Teacher-pupil contact

The use of ClassDojo in classrooms impacts on teacher-pupil contact time – with points awarded by clicking on the mobile app, teachers become responsible for data entry rather than interacting with pupils. Even 10 minutes of ClassDojo use a day could add up to over a week per school year of teaching time. Many parents may welcome how ClassDojo opens up a communication channel with teachers, but for teachers, this ‘digital work’ fills important classroom time.

Individualising the problem

At a time when children’s mental health has become the subject of serious concern, ClassDojo reinforces the idea that it is the behavioural mindset of the individual that needs to be addressed. Many ClassDojo resources refer to ideas such as ‘character development’ and ‘growth mindset’ that emphasise developing individuals’ resilience in the face of difficulties, but this doesn’t address the social causes of many difficulties children encounter, such as stress about tests. Competitive ranking of children, according to their accumulated dojo points, could easily become a further source of stress and anxiety.

Purchasing the data

ClassDojo is proposing ‘premium features’ for parents and school districts, and one way it is seeking to ‘monetise’ its service is by selling video content to schools, although its vast databank also has potential for monetisation. Parents, for example, could purchase ClassDojo reports to make inferences about their children and their peer groups. School leaders might purchase ready-made reports to single out children for specific classes or special behaviour programmes. Local government departments could buy the data to compare schools’ performance, much as schools are already judged in terms of test scores. In this business model, ClassDojo treats teachers as unpaid data entry clerks contributing to a huge database that can be analysed from far away to generate insights that parents, school leaders and local authorities might then purchase.

Return on investment

ClassDojo’s business model leaves it open to a potential ‘change of control’ that could see millions of children’s behavioural data transferred to a different organisation. As a free service, it has so far made no revenue, funded entirely by entrepreneurial investors from Silicon Valley. One way of securing a return on investment might be to sell the company, which would mean all ClassDojo data coming under its new owner’s privacy policy, with worried parents responsible for deleting their child’s data within 30 days. With other global technology companies already performing unsanctioned data mining on children’s personal information without seeking consent from either children or their parents, due to its extensive global reach into schools and homes, and its potential for monetisation, ClassDojo would make an attractive acquisition.

Transparent aims

As a globally successful social media site for schools, ClassDojo is becoming as integral to the relationships between children, teachers and parents as mainstream social media is to the everyday lives of millions around the world.
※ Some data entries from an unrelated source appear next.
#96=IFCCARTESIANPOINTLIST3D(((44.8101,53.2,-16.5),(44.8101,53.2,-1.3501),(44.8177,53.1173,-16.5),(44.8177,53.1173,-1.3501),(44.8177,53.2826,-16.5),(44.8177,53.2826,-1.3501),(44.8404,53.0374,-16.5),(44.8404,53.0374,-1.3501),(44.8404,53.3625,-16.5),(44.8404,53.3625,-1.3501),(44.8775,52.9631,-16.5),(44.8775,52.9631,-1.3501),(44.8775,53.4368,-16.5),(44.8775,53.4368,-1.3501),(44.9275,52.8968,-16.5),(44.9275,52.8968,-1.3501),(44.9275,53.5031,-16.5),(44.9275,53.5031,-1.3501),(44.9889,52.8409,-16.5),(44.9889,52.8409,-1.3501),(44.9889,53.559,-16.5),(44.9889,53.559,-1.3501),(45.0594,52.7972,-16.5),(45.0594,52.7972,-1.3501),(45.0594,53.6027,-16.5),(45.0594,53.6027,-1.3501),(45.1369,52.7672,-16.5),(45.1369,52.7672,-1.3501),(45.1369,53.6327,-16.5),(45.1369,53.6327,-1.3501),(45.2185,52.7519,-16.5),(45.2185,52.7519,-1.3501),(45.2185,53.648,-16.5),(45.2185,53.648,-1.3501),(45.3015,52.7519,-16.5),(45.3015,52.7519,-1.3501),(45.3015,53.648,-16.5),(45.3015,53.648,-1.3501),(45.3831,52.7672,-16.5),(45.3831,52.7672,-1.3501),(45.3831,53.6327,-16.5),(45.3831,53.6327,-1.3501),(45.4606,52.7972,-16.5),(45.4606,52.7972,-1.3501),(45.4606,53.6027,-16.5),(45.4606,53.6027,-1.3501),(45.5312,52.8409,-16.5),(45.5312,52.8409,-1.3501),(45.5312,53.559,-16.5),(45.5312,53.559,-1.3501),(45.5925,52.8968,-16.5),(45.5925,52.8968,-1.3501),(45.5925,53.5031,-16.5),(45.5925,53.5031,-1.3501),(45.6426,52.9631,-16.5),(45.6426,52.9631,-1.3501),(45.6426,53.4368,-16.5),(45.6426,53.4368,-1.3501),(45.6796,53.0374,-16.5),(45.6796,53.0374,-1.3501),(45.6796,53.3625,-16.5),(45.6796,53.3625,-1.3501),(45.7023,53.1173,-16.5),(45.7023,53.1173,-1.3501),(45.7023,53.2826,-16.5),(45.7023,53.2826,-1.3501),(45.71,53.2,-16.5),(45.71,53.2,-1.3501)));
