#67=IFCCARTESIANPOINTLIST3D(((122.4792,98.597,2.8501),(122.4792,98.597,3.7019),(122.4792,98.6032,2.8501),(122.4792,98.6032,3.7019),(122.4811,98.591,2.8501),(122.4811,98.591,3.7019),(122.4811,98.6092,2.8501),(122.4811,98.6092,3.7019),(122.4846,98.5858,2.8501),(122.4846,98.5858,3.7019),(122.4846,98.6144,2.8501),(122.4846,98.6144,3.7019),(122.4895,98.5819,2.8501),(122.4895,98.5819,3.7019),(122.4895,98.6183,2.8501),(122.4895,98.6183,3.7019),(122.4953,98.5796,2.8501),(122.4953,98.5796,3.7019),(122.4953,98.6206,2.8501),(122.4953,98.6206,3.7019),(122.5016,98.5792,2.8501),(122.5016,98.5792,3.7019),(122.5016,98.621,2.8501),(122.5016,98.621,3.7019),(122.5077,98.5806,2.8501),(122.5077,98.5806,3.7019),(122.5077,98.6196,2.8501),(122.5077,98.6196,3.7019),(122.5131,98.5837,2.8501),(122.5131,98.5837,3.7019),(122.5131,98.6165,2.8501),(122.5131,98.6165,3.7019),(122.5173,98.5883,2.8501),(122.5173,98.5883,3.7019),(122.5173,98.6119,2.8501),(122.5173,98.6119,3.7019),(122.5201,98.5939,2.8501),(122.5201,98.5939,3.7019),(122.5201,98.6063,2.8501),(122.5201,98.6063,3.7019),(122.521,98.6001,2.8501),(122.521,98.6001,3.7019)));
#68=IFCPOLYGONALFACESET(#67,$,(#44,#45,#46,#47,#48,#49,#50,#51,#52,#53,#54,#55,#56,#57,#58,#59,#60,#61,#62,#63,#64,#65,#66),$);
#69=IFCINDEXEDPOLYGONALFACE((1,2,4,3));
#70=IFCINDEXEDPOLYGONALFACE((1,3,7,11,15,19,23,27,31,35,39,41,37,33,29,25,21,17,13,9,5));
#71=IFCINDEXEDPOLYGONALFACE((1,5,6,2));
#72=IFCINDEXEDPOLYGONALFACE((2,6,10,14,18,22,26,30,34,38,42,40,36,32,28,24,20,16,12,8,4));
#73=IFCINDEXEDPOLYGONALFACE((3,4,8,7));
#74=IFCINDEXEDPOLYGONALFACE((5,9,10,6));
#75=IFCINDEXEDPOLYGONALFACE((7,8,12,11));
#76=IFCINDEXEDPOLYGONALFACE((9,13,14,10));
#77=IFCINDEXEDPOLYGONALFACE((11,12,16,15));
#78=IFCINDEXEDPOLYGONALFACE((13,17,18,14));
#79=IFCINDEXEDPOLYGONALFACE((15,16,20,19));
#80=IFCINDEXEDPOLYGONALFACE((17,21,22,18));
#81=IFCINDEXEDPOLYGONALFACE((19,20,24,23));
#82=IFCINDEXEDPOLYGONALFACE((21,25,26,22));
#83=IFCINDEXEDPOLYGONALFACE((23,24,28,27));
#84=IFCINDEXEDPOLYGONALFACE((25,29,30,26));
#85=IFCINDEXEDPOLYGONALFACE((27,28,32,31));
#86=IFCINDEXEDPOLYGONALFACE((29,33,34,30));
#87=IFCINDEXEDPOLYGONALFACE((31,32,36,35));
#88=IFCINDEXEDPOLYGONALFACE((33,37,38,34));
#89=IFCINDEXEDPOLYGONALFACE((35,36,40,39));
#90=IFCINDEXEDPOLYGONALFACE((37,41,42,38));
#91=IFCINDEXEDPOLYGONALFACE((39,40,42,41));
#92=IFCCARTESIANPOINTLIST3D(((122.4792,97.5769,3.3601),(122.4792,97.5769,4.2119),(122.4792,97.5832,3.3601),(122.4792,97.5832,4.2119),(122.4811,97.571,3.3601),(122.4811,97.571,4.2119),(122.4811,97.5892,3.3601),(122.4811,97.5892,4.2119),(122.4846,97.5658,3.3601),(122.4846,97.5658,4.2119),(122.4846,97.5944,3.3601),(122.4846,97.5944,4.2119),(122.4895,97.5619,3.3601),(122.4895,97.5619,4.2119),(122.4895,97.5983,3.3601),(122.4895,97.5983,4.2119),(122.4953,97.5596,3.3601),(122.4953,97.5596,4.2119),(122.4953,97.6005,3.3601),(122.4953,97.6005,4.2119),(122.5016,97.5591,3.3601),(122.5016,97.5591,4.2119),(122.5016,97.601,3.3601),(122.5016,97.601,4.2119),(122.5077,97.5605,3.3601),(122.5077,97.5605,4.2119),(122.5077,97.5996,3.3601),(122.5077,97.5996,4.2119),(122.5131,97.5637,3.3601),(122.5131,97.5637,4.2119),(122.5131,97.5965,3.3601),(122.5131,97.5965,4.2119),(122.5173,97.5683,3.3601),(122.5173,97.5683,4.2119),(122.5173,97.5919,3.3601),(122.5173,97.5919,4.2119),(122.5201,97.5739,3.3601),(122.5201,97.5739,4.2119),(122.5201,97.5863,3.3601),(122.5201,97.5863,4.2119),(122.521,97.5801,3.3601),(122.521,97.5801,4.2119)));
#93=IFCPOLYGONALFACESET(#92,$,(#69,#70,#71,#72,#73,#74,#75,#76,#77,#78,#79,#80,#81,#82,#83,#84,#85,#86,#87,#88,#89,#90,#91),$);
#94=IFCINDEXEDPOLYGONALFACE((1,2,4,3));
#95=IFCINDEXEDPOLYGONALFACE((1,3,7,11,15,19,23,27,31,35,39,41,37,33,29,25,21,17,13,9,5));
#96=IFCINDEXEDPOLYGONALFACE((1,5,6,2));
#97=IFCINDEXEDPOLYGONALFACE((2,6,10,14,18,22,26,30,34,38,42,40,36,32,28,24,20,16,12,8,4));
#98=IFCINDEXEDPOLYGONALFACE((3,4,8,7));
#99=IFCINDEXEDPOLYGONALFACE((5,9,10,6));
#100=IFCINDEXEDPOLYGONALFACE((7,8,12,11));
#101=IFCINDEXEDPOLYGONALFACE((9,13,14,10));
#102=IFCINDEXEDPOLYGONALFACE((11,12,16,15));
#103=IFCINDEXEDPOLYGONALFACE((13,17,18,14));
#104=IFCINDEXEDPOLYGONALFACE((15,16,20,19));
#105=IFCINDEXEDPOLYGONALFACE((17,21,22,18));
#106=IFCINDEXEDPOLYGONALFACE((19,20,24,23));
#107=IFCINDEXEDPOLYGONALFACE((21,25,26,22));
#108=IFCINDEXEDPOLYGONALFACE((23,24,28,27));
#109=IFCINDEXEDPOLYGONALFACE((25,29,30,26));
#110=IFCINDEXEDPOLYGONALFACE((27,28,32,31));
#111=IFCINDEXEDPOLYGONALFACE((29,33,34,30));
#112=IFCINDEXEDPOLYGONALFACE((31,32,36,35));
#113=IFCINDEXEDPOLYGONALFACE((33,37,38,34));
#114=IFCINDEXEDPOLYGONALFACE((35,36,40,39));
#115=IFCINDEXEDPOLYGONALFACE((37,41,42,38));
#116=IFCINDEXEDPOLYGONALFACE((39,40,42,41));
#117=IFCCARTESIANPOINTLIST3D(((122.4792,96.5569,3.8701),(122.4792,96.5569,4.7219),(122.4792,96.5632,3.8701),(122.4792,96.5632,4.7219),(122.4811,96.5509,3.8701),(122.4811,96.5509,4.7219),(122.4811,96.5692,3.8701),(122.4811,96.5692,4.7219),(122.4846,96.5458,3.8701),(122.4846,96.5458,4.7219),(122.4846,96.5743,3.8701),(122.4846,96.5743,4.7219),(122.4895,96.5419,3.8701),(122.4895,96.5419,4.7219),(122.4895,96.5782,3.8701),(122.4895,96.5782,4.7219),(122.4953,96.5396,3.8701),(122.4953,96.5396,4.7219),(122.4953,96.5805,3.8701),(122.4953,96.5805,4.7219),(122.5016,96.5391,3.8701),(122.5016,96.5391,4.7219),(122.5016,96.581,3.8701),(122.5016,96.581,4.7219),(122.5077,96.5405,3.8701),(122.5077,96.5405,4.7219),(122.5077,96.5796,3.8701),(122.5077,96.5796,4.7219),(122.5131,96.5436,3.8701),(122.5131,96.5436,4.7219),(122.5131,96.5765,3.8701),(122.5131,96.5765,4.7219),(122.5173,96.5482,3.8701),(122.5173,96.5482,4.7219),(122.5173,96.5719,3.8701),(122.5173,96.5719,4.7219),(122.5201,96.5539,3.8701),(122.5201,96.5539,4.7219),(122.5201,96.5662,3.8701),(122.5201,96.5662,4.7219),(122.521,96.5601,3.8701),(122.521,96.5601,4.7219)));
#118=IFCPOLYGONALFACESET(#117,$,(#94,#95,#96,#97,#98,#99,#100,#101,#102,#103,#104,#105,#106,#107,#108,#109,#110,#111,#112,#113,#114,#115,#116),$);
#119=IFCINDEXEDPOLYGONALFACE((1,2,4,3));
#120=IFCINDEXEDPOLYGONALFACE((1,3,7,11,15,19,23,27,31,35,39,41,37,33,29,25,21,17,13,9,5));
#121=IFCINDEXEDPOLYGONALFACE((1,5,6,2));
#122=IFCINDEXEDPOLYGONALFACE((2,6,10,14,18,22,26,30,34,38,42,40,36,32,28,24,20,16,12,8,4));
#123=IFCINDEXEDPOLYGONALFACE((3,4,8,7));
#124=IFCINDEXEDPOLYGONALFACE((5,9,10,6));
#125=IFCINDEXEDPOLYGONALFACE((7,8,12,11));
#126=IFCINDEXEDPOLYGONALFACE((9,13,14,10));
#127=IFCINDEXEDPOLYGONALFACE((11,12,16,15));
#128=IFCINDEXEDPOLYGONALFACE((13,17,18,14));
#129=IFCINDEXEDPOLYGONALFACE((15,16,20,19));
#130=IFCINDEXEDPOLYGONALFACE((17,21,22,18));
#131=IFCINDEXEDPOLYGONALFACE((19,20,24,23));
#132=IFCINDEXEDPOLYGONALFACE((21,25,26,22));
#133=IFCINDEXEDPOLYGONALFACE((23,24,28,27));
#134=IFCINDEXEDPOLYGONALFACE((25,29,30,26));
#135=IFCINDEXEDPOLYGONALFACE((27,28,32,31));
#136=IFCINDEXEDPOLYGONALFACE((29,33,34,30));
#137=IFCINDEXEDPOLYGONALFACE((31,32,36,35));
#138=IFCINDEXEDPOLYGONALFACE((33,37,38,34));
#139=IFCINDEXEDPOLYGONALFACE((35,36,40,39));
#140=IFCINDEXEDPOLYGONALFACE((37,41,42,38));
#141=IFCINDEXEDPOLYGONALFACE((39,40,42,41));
It is making teachers into data collectors and data entry clerks, encouraging children to see themselves in terms of their behavioural points, and inviting parents to become users of ClassDojo’s services. School leaders can now use ClassDojo data and local government authorities may also be able to access it in future, potentially making it into a key tool of whole-school management and performance measurement.

It is time to support parents and teachers to ask critical questions about ClassDojo. As the owners and controllers of a vast global database of children’s behavioural information and a global social media site for schools, its entrepreneurial founders need to be more transparent about what they intend to do with that data, how they intend to generate income from it, and how they want ClassDojo to play a part in interactions between children.